Георгий Николаевич написал поправку в газеты, дал траурное объявление и короткий теплый некролог о своем друге, охотно помещенный на следующий же день. Родных у Елагина в Шанхае не было, а знакомые и сослуживцы покачали головами, пожалели, вспомнили, что покойник был «хорошим парнем» и перестали о нем говорить. Да и сам Георгий Николаевич, хотя и не забыл сразу приятеля, но целиком ушел мыслями в предстоявший официальный экзамен.
Так, приблизительно через месяц, вернувшись домой после вахты, Георгий Николаевич нашел на столе заказное письмо с индокитайской маркой. Недоумевая, он разорвал объемистый пакет и начал читать письмо на бланке госпиталя Св. Марии в Хайфонге.

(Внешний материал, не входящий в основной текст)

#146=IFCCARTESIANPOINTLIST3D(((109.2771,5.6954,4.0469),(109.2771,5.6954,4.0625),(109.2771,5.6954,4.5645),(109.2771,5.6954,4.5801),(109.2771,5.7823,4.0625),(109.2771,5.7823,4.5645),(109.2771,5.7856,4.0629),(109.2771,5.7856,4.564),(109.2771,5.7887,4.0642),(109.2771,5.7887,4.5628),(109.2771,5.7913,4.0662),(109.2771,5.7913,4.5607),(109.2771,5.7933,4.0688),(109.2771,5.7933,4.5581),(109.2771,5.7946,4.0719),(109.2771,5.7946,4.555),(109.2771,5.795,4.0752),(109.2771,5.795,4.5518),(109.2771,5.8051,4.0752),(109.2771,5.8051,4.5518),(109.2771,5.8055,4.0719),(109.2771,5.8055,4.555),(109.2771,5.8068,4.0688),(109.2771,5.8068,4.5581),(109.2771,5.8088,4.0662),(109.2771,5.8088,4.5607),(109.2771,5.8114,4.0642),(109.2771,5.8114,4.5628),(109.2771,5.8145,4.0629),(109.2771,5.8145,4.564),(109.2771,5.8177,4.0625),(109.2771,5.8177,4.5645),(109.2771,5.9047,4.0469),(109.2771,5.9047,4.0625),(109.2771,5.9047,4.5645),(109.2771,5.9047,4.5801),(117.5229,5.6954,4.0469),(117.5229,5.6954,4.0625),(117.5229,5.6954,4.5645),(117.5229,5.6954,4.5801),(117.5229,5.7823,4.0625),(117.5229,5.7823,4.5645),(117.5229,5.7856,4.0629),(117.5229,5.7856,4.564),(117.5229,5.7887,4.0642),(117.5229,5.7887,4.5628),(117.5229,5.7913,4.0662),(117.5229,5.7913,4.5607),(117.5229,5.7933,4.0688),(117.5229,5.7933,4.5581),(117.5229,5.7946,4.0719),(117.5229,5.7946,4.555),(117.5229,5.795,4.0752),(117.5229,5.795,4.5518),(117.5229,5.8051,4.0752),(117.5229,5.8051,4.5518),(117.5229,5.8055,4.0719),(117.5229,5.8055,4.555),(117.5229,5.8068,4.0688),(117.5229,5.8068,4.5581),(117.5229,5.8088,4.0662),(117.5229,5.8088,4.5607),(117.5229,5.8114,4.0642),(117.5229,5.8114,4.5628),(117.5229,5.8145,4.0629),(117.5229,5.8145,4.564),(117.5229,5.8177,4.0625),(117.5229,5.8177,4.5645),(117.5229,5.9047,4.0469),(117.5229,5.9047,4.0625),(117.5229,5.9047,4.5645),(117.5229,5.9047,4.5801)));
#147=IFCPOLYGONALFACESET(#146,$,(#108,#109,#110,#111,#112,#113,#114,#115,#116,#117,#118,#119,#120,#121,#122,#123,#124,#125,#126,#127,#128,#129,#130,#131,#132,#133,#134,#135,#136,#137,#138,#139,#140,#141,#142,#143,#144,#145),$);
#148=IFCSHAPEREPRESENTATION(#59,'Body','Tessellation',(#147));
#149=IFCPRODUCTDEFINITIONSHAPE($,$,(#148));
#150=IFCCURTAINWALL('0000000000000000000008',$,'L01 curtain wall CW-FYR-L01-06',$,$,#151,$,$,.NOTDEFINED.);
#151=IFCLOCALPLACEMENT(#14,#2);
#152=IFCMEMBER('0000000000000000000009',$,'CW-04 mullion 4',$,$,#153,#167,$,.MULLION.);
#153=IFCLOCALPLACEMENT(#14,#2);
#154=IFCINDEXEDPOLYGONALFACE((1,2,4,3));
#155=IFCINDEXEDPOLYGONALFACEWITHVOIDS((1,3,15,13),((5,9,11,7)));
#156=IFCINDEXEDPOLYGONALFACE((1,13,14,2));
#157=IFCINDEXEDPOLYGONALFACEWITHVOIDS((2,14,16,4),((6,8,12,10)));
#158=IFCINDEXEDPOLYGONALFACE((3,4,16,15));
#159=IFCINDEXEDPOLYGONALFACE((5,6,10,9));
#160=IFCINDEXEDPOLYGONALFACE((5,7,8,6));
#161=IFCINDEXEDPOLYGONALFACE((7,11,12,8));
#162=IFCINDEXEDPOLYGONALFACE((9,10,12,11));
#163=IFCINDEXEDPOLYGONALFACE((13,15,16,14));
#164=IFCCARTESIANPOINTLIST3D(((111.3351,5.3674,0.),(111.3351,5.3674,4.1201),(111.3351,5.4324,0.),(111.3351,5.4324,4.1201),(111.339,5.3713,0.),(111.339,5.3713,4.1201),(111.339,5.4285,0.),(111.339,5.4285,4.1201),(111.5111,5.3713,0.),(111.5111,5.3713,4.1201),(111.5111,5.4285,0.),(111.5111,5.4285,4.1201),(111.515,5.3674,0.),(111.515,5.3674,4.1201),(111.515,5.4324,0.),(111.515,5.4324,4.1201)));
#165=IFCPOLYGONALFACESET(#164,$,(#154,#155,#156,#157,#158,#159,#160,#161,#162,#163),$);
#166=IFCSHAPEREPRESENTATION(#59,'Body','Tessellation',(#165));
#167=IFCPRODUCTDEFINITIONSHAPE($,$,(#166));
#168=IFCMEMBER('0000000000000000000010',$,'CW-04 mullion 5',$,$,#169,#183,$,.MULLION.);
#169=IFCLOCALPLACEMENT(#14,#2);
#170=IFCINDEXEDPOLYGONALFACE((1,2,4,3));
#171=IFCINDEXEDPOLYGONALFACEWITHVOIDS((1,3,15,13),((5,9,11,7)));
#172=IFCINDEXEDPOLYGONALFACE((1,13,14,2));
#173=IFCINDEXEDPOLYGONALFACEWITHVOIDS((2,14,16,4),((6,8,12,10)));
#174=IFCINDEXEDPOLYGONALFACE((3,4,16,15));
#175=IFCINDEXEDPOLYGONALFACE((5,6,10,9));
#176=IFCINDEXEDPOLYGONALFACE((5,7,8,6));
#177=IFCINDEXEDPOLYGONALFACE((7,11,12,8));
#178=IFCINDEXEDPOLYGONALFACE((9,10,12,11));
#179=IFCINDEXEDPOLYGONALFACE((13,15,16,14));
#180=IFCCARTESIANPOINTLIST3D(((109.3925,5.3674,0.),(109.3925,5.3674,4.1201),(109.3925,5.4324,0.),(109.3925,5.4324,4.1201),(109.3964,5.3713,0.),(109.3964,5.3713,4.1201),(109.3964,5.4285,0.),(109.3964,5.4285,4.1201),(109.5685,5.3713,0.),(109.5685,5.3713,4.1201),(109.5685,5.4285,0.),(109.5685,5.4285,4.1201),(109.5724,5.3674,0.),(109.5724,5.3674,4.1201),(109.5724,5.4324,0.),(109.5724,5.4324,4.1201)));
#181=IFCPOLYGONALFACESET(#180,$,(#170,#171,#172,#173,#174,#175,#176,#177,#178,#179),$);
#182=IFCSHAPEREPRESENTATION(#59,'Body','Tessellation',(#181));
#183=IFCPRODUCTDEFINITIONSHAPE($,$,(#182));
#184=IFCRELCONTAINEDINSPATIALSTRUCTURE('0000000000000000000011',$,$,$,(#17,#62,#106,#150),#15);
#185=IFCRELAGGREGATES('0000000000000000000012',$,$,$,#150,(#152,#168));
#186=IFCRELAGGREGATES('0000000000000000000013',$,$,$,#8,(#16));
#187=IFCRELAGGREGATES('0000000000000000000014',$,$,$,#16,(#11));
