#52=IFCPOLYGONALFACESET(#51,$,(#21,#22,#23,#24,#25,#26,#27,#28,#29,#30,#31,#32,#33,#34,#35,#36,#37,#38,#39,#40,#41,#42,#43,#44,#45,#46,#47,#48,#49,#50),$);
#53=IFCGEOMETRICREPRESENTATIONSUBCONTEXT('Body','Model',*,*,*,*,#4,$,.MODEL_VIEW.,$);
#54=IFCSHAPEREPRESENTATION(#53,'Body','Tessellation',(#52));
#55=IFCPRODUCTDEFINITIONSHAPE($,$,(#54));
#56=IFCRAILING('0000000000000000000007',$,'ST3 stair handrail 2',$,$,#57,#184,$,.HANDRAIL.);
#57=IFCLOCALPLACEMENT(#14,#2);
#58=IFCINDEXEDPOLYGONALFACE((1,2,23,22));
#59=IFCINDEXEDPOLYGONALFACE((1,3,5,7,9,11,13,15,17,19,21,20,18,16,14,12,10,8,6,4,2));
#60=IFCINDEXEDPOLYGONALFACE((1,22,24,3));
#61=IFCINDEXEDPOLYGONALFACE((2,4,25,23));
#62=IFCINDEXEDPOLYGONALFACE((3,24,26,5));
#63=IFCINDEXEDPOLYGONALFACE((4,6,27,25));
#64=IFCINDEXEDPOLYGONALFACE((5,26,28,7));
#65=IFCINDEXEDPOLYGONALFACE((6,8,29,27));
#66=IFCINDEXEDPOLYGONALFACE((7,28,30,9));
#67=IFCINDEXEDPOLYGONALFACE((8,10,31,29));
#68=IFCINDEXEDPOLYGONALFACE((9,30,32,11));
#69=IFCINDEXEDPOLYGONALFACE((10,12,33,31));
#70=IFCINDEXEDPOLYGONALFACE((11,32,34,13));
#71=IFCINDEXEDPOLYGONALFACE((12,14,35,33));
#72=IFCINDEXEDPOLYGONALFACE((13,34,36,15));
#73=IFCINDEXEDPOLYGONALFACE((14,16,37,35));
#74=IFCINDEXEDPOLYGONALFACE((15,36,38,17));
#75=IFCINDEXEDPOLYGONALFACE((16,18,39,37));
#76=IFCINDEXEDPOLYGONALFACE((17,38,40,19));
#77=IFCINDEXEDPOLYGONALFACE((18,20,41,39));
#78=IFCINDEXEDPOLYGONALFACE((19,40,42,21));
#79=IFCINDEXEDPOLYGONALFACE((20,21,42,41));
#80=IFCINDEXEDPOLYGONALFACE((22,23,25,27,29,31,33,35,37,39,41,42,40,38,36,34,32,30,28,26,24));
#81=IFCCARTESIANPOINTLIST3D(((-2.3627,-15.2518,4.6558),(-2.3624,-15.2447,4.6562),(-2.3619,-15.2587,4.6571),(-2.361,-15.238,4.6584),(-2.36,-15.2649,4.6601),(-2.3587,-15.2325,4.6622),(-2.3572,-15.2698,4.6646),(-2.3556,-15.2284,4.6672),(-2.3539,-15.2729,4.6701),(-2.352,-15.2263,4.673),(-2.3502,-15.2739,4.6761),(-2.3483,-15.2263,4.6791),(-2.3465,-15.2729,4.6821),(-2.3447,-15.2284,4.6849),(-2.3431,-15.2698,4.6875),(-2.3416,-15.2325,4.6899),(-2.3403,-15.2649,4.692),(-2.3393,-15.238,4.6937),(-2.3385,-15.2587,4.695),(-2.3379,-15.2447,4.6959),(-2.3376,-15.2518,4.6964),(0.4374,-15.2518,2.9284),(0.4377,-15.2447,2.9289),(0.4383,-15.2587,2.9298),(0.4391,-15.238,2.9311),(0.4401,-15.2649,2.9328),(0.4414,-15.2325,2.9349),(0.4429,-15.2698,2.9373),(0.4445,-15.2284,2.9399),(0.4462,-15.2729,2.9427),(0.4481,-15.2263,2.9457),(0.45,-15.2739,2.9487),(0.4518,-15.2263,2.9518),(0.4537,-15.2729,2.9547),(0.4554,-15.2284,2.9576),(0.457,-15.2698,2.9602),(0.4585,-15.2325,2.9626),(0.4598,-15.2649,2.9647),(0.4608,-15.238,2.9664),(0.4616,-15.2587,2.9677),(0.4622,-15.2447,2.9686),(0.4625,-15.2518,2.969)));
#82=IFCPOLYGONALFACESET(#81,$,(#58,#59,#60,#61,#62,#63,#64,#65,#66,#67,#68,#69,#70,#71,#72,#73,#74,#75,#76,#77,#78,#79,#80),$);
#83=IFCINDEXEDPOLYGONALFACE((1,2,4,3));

«Monsier, — писал ему старший врач больницы, — согласно последней просьбе вашего друга, мосье Сержа Елагина, на меня выпал тяжелый долг сообщить вам о его кончине, последовавшей от заражения крови 15-го сего июля в нашем госпитале.
За три дня перед тем мосье Елагина доставила сюда в бесчувственном состоянии, с оторванной или откушенной ступней, портовая полиция, которой его передал, в свою очередь, один из местных китайцев-скупщиков ласточкиных гнезд. Джонка этого видного коммерсанта, плавая в поисках излюбленного китайского деликатеса среди скал у архипелага Фай Цзи Луна, нашла вашего друга на крошечном острове неподалеку от скалы, известной у моряков под названием “Жабы”. Согласно показаниям сборщиков ласточкиных гнезд, он лежал без памяти рядом с лужей запекшейся крови, в маленькой прибрежной пещерке.